As a little background, generally any company that transfers value between one party and another (or from one location to another) is deemed a money transmitter and subject to applicable regulatory controls. There is an exception for “payment processors” who merely process payments on behalf of merchants [See (5)(ii)(B) ].
In the recent ruling, the company requesting clarification wanted to accept remittance in U.S. Dollars from presumably U.S. customers of Latin American hotels and send those hotels the commensurate value in bitcoin. The company argued they fell under the payment processor exception. FINCEN disagreed. Without going into to much detail, the basis of the ruling was that for the payment processor exemption to apply, the “payment processor exemption to apply, the entity must use a clearance and settlement system that intermediates solely between BSA regulated institutions.” (BSA is the Bank Secrecy Act).

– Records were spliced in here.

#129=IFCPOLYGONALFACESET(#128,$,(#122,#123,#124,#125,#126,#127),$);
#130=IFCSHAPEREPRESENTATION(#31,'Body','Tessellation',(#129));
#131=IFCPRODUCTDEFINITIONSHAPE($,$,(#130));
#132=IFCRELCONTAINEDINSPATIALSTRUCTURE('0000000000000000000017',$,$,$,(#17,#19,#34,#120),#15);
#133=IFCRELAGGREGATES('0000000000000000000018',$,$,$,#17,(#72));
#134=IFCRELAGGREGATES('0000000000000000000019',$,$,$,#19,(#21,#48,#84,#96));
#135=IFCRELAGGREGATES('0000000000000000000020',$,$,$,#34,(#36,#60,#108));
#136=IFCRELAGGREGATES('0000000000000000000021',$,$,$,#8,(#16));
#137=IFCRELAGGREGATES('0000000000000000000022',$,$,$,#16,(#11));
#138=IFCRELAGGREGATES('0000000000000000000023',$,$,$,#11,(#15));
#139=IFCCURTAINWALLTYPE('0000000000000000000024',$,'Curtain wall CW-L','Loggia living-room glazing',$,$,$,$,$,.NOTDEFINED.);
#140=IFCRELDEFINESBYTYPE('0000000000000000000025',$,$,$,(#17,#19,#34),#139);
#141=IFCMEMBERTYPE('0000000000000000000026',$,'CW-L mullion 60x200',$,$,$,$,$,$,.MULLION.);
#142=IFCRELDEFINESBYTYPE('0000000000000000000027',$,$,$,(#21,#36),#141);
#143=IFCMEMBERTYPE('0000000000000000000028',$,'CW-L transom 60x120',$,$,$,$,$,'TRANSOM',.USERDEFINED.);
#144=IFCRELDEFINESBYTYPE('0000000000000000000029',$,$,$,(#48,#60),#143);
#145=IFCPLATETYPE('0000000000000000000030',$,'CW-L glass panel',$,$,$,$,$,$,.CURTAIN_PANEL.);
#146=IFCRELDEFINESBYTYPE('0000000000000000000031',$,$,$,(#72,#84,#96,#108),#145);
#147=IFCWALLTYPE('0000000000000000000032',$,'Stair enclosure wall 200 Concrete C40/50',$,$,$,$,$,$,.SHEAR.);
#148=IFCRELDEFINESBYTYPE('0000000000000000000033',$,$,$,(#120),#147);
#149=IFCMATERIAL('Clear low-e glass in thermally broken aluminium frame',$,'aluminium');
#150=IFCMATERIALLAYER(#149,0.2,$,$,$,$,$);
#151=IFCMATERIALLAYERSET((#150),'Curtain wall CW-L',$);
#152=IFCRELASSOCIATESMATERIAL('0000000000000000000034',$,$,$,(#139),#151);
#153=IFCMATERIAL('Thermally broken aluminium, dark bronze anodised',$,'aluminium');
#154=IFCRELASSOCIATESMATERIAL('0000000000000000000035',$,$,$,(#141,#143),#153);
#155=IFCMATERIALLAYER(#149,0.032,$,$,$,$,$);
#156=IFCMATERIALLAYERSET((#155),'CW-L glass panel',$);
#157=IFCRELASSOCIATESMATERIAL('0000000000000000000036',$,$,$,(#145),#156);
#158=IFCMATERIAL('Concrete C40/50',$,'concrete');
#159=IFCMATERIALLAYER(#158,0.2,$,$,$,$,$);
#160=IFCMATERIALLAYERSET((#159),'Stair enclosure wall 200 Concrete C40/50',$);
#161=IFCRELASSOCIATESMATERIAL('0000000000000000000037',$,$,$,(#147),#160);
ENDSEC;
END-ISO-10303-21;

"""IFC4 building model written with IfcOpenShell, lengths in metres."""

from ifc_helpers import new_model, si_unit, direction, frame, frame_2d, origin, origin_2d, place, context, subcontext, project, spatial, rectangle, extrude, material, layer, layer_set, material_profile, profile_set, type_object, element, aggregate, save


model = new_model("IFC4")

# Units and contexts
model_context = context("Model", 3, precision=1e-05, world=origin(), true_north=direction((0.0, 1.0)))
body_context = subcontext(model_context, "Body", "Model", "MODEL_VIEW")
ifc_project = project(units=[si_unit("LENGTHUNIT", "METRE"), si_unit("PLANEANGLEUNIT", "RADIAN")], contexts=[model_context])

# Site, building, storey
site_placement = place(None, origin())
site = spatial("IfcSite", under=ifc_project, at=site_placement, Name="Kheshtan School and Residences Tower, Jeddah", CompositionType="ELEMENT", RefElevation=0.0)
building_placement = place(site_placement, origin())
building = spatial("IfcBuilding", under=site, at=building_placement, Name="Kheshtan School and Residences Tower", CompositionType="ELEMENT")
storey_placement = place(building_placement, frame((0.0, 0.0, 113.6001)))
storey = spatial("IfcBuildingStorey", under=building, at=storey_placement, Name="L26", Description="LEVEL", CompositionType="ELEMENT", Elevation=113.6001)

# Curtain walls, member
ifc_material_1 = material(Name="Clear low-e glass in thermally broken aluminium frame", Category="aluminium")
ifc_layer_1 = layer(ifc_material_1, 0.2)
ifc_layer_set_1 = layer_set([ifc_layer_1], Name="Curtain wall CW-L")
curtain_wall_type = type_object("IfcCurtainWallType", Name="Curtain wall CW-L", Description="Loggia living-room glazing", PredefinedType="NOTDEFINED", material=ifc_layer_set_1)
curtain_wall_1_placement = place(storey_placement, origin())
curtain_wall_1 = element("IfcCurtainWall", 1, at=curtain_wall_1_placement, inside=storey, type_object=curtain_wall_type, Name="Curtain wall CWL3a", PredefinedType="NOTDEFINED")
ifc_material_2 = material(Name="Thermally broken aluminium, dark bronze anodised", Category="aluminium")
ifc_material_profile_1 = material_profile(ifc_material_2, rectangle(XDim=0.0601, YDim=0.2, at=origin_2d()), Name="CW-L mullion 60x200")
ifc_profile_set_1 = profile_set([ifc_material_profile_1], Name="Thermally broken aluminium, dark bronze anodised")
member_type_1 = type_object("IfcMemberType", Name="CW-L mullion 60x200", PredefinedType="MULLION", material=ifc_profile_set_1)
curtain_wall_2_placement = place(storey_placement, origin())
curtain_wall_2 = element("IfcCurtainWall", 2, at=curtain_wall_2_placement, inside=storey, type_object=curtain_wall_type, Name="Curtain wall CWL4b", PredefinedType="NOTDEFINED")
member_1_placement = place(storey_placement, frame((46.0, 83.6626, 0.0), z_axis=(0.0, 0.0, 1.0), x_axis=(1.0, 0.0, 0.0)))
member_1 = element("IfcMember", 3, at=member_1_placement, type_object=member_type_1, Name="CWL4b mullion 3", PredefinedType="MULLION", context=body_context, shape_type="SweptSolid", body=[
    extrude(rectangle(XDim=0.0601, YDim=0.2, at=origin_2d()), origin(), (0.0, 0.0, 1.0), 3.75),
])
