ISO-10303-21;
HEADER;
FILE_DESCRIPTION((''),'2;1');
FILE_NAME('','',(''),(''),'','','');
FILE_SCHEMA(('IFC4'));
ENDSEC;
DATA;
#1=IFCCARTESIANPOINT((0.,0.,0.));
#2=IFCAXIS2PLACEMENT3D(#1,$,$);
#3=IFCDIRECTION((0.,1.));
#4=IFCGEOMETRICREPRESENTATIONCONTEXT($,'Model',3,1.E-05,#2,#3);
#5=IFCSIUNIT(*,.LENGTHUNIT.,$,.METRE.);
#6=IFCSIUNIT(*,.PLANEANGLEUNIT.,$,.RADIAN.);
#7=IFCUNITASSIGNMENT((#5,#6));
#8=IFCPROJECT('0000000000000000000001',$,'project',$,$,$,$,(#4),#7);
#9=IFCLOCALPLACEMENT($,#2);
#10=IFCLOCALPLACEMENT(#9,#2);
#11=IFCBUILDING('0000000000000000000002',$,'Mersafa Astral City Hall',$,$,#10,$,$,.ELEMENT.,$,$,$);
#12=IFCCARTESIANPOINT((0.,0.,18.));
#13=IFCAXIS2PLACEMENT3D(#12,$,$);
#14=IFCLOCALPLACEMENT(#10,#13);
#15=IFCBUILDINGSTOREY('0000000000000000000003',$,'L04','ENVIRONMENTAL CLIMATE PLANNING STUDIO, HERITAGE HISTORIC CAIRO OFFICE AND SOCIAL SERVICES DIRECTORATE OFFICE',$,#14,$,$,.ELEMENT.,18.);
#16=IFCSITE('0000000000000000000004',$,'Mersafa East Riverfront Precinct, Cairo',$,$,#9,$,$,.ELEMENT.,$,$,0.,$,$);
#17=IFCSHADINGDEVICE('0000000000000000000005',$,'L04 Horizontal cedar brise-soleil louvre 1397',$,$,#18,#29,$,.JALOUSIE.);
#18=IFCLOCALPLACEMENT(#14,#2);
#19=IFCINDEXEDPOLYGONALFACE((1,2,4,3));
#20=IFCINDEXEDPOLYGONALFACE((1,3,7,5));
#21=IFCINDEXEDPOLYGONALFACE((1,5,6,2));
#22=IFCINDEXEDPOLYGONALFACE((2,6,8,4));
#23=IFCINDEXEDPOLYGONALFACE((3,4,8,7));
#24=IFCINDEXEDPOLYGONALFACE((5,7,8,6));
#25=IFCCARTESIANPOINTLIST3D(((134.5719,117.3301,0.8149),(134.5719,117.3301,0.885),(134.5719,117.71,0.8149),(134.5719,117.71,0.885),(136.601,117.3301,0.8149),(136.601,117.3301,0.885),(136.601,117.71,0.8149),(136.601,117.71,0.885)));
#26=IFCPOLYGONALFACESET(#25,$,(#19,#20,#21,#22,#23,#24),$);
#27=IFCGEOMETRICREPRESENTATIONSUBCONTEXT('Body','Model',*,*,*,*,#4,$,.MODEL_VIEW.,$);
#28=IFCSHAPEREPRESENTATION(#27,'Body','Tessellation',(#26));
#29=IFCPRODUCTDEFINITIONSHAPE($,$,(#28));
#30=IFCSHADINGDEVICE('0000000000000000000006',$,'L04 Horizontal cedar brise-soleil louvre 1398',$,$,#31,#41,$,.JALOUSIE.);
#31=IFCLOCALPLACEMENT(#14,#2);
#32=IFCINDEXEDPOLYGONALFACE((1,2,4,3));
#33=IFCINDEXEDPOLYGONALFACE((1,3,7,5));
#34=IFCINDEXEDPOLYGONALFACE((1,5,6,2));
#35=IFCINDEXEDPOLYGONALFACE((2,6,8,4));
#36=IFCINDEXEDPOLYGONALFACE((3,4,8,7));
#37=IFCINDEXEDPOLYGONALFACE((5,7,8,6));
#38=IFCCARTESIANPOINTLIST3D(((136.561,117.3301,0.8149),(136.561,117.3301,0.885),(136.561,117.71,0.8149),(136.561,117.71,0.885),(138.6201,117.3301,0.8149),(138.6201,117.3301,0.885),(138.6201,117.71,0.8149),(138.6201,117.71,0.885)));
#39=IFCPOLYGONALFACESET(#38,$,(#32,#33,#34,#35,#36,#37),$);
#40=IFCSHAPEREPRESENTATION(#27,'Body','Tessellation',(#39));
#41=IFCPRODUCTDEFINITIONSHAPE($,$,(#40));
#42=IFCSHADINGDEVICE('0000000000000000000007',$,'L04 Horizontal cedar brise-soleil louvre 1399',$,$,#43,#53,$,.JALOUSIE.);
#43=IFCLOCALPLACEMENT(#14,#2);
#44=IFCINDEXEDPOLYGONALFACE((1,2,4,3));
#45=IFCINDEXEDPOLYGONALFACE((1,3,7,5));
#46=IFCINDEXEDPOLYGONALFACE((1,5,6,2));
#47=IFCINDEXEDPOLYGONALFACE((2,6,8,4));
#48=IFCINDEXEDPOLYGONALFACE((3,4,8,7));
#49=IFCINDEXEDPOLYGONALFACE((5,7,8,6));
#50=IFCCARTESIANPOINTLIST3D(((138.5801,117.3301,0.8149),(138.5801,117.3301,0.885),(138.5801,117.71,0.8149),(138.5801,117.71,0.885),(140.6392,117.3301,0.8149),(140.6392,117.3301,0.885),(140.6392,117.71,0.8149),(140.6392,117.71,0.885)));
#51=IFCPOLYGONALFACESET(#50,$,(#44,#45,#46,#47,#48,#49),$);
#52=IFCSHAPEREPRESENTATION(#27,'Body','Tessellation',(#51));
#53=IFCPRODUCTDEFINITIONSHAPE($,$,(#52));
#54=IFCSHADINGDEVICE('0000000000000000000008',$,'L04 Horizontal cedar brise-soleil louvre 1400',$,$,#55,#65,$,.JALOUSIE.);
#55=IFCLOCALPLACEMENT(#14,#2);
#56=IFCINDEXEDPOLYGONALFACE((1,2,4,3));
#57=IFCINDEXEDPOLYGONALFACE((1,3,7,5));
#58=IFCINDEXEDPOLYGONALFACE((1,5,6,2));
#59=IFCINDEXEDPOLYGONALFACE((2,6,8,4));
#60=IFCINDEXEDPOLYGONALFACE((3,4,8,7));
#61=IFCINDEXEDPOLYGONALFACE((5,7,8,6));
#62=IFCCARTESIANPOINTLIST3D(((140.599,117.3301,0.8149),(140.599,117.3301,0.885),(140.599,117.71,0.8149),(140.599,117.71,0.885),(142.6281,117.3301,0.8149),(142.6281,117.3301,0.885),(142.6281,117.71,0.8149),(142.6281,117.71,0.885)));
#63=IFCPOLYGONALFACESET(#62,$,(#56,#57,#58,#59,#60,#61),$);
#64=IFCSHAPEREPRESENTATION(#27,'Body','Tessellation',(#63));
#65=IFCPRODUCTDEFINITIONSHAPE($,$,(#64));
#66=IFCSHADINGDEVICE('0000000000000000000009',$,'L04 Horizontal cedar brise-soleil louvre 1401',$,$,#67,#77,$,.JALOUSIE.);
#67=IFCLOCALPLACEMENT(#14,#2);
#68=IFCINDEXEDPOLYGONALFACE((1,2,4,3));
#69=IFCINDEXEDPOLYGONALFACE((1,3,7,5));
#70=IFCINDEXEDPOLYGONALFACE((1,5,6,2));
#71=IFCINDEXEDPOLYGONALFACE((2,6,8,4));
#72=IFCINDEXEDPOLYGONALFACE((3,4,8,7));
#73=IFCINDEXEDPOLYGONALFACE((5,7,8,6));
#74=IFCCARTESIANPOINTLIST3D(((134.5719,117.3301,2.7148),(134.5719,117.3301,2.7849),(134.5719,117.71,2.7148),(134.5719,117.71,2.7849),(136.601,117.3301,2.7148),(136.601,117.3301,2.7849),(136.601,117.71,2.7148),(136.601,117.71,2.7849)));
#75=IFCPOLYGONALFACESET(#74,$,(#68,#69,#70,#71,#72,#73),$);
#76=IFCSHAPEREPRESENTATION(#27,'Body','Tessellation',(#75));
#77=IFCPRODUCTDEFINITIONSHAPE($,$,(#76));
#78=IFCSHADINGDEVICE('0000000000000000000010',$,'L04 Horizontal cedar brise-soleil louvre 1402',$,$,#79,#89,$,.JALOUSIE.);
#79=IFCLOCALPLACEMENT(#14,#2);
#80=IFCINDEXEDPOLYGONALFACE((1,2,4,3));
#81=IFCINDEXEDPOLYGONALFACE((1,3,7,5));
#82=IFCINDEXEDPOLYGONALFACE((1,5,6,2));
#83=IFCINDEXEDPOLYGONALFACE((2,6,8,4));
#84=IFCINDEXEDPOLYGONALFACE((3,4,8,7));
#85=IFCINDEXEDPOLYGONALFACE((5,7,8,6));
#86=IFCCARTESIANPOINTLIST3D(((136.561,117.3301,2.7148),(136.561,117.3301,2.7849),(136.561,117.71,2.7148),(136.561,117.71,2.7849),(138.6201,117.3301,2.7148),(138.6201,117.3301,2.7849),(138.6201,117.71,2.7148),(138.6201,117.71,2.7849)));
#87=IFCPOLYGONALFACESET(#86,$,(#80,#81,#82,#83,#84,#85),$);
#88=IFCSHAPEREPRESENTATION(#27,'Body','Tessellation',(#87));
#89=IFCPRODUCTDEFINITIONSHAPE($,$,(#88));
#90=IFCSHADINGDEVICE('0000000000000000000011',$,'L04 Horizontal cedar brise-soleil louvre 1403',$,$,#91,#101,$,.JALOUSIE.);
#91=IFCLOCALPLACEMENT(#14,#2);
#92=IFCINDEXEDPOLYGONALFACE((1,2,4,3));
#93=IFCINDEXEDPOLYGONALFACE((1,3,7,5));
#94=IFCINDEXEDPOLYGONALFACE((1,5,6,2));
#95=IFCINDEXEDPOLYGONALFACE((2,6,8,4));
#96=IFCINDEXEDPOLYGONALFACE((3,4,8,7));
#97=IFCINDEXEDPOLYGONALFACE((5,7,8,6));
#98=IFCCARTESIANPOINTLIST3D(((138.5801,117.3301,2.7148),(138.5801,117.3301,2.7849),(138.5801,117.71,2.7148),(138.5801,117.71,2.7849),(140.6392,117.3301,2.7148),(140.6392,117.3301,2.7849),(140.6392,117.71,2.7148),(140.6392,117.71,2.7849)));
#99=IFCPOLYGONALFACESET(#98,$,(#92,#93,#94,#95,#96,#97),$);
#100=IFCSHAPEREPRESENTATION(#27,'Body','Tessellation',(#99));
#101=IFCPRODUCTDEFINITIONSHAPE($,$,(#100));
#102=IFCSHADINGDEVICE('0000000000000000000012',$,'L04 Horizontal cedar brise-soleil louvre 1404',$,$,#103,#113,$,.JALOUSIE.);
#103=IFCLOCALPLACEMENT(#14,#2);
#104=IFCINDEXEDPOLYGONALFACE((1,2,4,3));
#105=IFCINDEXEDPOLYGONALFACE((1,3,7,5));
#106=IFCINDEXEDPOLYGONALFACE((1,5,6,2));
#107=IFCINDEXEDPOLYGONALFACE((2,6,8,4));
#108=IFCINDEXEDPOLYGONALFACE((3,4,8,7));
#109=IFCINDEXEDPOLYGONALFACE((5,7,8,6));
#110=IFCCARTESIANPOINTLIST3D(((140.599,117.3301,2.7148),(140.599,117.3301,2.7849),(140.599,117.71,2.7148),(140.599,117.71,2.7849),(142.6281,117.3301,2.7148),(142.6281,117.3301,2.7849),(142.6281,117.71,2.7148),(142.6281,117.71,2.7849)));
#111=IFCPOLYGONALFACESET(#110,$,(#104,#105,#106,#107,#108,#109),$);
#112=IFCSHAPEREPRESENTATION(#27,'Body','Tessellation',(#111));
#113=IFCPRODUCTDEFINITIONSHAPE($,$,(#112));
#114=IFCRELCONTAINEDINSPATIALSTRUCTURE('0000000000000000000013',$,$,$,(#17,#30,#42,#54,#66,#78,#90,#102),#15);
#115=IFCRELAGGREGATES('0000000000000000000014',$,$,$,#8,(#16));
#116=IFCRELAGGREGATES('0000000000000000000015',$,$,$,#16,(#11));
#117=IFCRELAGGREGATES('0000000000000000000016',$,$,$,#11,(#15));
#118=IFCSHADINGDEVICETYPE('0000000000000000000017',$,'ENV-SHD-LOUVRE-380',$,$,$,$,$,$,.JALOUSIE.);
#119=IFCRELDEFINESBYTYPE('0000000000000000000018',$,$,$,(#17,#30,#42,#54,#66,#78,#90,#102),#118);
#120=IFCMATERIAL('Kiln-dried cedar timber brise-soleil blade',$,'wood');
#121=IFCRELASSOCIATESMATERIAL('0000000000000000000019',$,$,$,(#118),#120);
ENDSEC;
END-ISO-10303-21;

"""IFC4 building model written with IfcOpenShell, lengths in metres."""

from ifc_helpers import new_model, si_unit, direction, frame, origin, origin_2d, place, context, subcontext, project, spatial, rectangle, extrude, material, type_object, element, save


model = new_model("IFC4")

# Units and contexts
model_context = context("Model", 3, precision=1e-05, world=origin(), true_north=direction((0.0, 1.0)))
body_context = subcontext(model_context, "Body", "Model", "MODEL_VIEW")
ifc_project = project(units=[si_unit("LENGTHUNIT", "METRE"), si_unit("PLANEANGLEUNIT", "RADIAN")], contexts=[model_context])

# Site, building, storey
site_placement = place(None, origin())
site = spatial("IfcSite", under=ifc_project, at=site_placement, Name="Mersafa East Riverfront Precinct, Cairo", CompositionType="ELEMENT", RefElevation=0.0)
building_placement = place(site_placement, origin())
building = spatial("IfcBuilding", under=site, at=building_placement, Name="Mersafa Astral City Hall", CompositionType="ELEMENT")
storey_placement = place(building_placement, frame((0.0, 0.0, 18.0)))
storey = spatial("IfcBuildingStorey", under=building, at=storey_placement, Name="L04", Description="ENVIRONMENTAL CLIMATE PLANNING STUDIO, HERITAGE HISTORIC CAIRO OFFICE AND SOCIAL SERVICES DIRECTORATE OFFICE", CompositionType="ELEMENT", Elevation=18.0)

# Shading devices
ifc_material_1 = material(Name="Kiln-dried cedar timber brise-soleil blade", Category="wood")
shading_device_type_1 = type_object("IfcShadingDeviceType", Name="ENV-SHD-LOUVRE-380", PredefinedType="JALOUSIE", material=ifc_material_1)
shading_device_1_placement = place(storey_placement, frame((135.5864, 117.52, 0.8149), z_axis=(0.0, 0.0, 1.0), x_axis=(1.0, 0.0, 0.0)))
element("IfcShadingDevice", 1, at=shading_device_1_placement, inside=storey, type_object=shading_device_type_1, Name="L04 Horizontal cedar brise-soleil louvre 1397", PredefinedType="JALOUSIE", context=body_context, shape_type="SweptSolid", body=[
    extrude(rectangle(XDim=2.0291, YDim=0.3799, at=origin_2d()), origin(), (0.0, 0.0, 1.0), 0.0701),
])
for number, where, z_axis, x_axis, name in (
    (2, (137.5906, 117.52, 0.8149), (0.0, 0.0, 1.0), (1.0, 0.0, 0.0), "L04 Horizontal cedar brise-soleil louvre 1398"),
    (3, (139.6096, 117.52, 0.8149), (0.0, 0.0, 1.0), (1.0, 0.0, 0.0), "L04 Horizontal cedar brise-soleil louvre 1399"),
):
    element("IfcShadingDevice", number, at=place(storey_placement, frame(where, z_axis=z_axis, x_axis=x_axis)), inside=storey, type_object=shading_device_type_1, Name=name, PredefinedType="JALOUSIE", context=body_context, shape_type="SweptSolid", body=[
        extrude(rectangle(XDim=2.0591, YDim=0.3799, at=origin_2d()), origin(), (0.0, 0.0, 1.0), 0.0701),
    ])
for number, where, z_axis, x_axis, name in (
    (4, (141.6135, 117.52, 0.8149), (0.0, 0.0, 1.0), (1.0, 0.0, 0.0), "L04 Horizontal cedar brise-soleil louvre 1400"),
    (5, (135.5864, 117.52, 2.7148), (0.0, 0.0, 1.0), (1.0, 0.0, 0.0), "L04 Horizontal cedar brise-soleil louvre 1401"),
):
    element("IfcShadingDevice", number, at=place(storey_placement, frame(where, z_axis=z_axis, x_axis=x_axis)), inside=storey, type_object=shading_device_type_1, Name=name, PredefinedType="JALOUSIE", context=body_context, shape_type="SweptSolid", body=[
        extrude(rectangle(XDim=2.0291, YDim=0.3799, at=origin_2d()), origin(), (0.0, 0.0, 1.0), 0.0701),
    ])
for number, where, z_axis, x_axis, name in (
    (6, (137.5906, 117.52, 2.7148), (0.0, 0.0, 1.0), (1.0, 0.0, 0.0), "L04 Horizontal cedar brise-soleil louvre 1402"),
    (7, (139.6096, 117.52, 2.7148), (0.0, 0.0, 1.0), (1.0, 0.0, 0.0), "L04 Horizontal cedar brise-soleil louvre 1403"),
):
    element("IfcShadingDevice", number, at=place(storey_placement, frame(where, z_axis=z_axis, x_axis=x_axis)), inside=storey, type_object=shading_device_type_1, Name=name, PredefinedType="JALOUSIE", context=body_context, shape_type="SweptSolid", body=[
        extrude(rectangle(XDim=2.0591, YDim=0.3799, at=origin_2d()), origin(), (0.0, 0.0, 1.0), 0.0701),
    ])
shading_device_2_placement = place(storey_placement, frame((141.6135, 117.52, 2.7148), z_axis=(0.0, 0.0, 1.0), x_axis=(1.0, 0.0, 0.0)))
element("IfcShadingDevice", 8, at=shading_device_2_placement, inside=storey, type_object=shading_device_type_1, Name="L04 Horizontal cedar brise-soleil louvre 1404", PredefinedType="JALOUSIE", context=body_context, shape_type="SweptSolid", body=[
    extrude(rectangle(XDim=2.0291, YDim=0.3799, at=origin_2d()), origin(), (0.0, 0.0, 1.0), 0.0701),
])

save(model, "model.ifc")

While this is bad for the company that requested the ruling, it’s even worse for the Bitcoin community at large. Why?
[Disclaimer, the following is not to be construed as legal advice and s not meant to pick on Blockchain.info. I’m a customer of blockchain.info and use their API to facilitate transactions for my privacy preserving disposable email service 1ncemail.]
Blockchain.info offers a very simple API that allows merchants to accept bitcoin on their websites and integrate such into their shopping cart or other systems. The API works like many other payment processors in that when money is received it makes a call to a URL on the merchant’s server indicating payment has been received. The merchant then appropriately credits the customer’s account.
The problem (from a regulatory perspective) is that Blockchain.info’s API generates a payment transaction wallet to accept payment for the merchant and then forwards that payment on to the merchant’s wallet. In that respect, Blockchain.info is moving value from one person (the consumer) to another (the merchant) and they can’t rely on the payment processor exception because they are going through BSA regulated entities to send value to the merchant.
Now, of course, if Blockchain.info provided the same functionality of the API in software the merchant downloaded and installed on their own servers, there wouldn’t be an issue, because they are merely providing software, not facilitating the actual transmission. I would say the API could provide the primary function (monitoring a transaction wallet address for payment and calling a URL) without running afoul of the regulations. But because Blockchain.info has control of that intermediary wallet, they are in fact a money transmitter, for the purposes of the regulations.
I actually think this ruling might be a prelude to FINCEN considering miners as money transmitters. And I hesitate to suggest, if someone presented the Bitcoin system in the abstract (without reference Bitcoin) to FINCEN asking for clarification if miners were money transmitters, they would unquestionably say yes.